OMELIE

Servire come stile sinodale

Omelia di Mons. Ferretti del 17-10-2021

Omelia per l'apertura della Fase diocesana del Sino dei Vescovi - Santuario Madre di Dio Incoronata - Foggia

Carissimi,

il brano evangelico ascoltato riprende quella meravigliosa verità spesso ripetuta da Gesù: «il Figlio dell’uomo non è venuto per farsi servire ma per servire e dare la vita in riscatto per tutti». Liberamente Gesù acconsente ad essere ridotto alla condizione di schiavo, a morire come maledetto dando la propria vita per gli altri. Isolato e negato, scende sino al fondo dell’abisso, ma lì offre perdono e riconciliazione, donando la pace come ecumenica.

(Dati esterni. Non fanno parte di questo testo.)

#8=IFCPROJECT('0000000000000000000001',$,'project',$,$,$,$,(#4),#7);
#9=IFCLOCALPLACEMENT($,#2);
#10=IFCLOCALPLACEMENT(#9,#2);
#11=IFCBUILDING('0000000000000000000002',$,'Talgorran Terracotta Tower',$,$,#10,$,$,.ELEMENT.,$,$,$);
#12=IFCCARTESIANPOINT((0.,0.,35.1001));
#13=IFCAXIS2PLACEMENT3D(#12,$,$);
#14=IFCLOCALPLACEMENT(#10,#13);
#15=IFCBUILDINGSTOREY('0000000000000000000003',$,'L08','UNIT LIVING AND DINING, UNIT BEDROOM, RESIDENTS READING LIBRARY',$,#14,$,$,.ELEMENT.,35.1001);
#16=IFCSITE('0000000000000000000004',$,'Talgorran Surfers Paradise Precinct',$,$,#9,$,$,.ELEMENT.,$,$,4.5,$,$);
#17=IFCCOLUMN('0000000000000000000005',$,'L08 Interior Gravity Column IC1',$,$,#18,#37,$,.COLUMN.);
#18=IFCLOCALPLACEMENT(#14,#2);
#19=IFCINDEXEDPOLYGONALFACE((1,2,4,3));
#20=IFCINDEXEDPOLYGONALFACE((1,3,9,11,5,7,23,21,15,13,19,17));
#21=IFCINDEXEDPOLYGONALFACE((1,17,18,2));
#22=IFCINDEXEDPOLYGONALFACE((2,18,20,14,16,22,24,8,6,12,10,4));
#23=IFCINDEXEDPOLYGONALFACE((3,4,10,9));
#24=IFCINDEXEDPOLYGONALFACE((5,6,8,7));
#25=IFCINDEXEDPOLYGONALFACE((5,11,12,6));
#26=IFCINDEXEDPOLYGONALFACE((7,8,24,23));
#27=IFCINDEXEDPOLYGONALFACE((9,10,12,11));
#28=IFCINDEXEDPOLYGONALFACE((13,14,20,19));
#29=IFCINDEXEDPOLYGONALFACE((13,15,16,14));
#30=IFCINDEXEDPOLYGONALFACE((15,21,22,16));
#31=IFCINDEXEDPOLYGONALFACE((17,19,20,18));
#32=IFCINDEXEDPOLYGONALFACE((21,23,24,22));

Venuto per manifestare una solidarietà universale. È diventato trasparenza invisibile, toccabile con mano, dell’amore di Dio e della sua alleanza. Ed è questa solidarietà che il credente, a sua volta, deve testimoniare se vuole essere seguace del Maestro.

È tempo di scendere dall’alto verso il basso, forse dolorosamente, ma anche gioiosamente, e somigliare a Gesù servo, venuto non per farsi servire. Dio è mio servitore, si china sull’umanità, abbraccia la fragilità e la debolezza con profonda tenerezza. Così Gesù capovolge l’idea di Dio: tra greci e romani gli dèi erano tanto importanti quanto più potenti. Gesù, invece, presenta il volto di Dio, il cui potere è l’amore che si inchina e invita a fare lo stesso. Immaginate l’umanità dove ciascuno corre ai piedi dell’altro e si prostra non davanti ai potenti, ma agli ultimi. Non abbiamo ancora pensato abbastanza a cosa significhi avere un Dio, nostro servitore. Il padrone fa paura, il servo no e Cristo ci libera dalla paura: quella di Dio.

La grande svolta è il passaggio dalla religione alla fede. La religione a volte nasce dalla paura di Dio, la fede, invece, dalla consapevolezza che Dio ci ama e che siamo amati da Lui e dobbiamo amarci reciprocamente. Allora il servizio di cui parla Gesù è aiutare gli altri ad aprirsi alle loro migliori potenzialità. Il noi e non l’io sia sempre cercato nell’ascolto, offerto nel dialogo, difeso nella fraternità. Di qui la via della sinodalità come feconda espressione di una prossimità inedita e senza limiti. Ecco la Chiesa in uscita che si nutre del pane dell’esodo, del camminare e seminare sempre di nuovo, sempre oltre.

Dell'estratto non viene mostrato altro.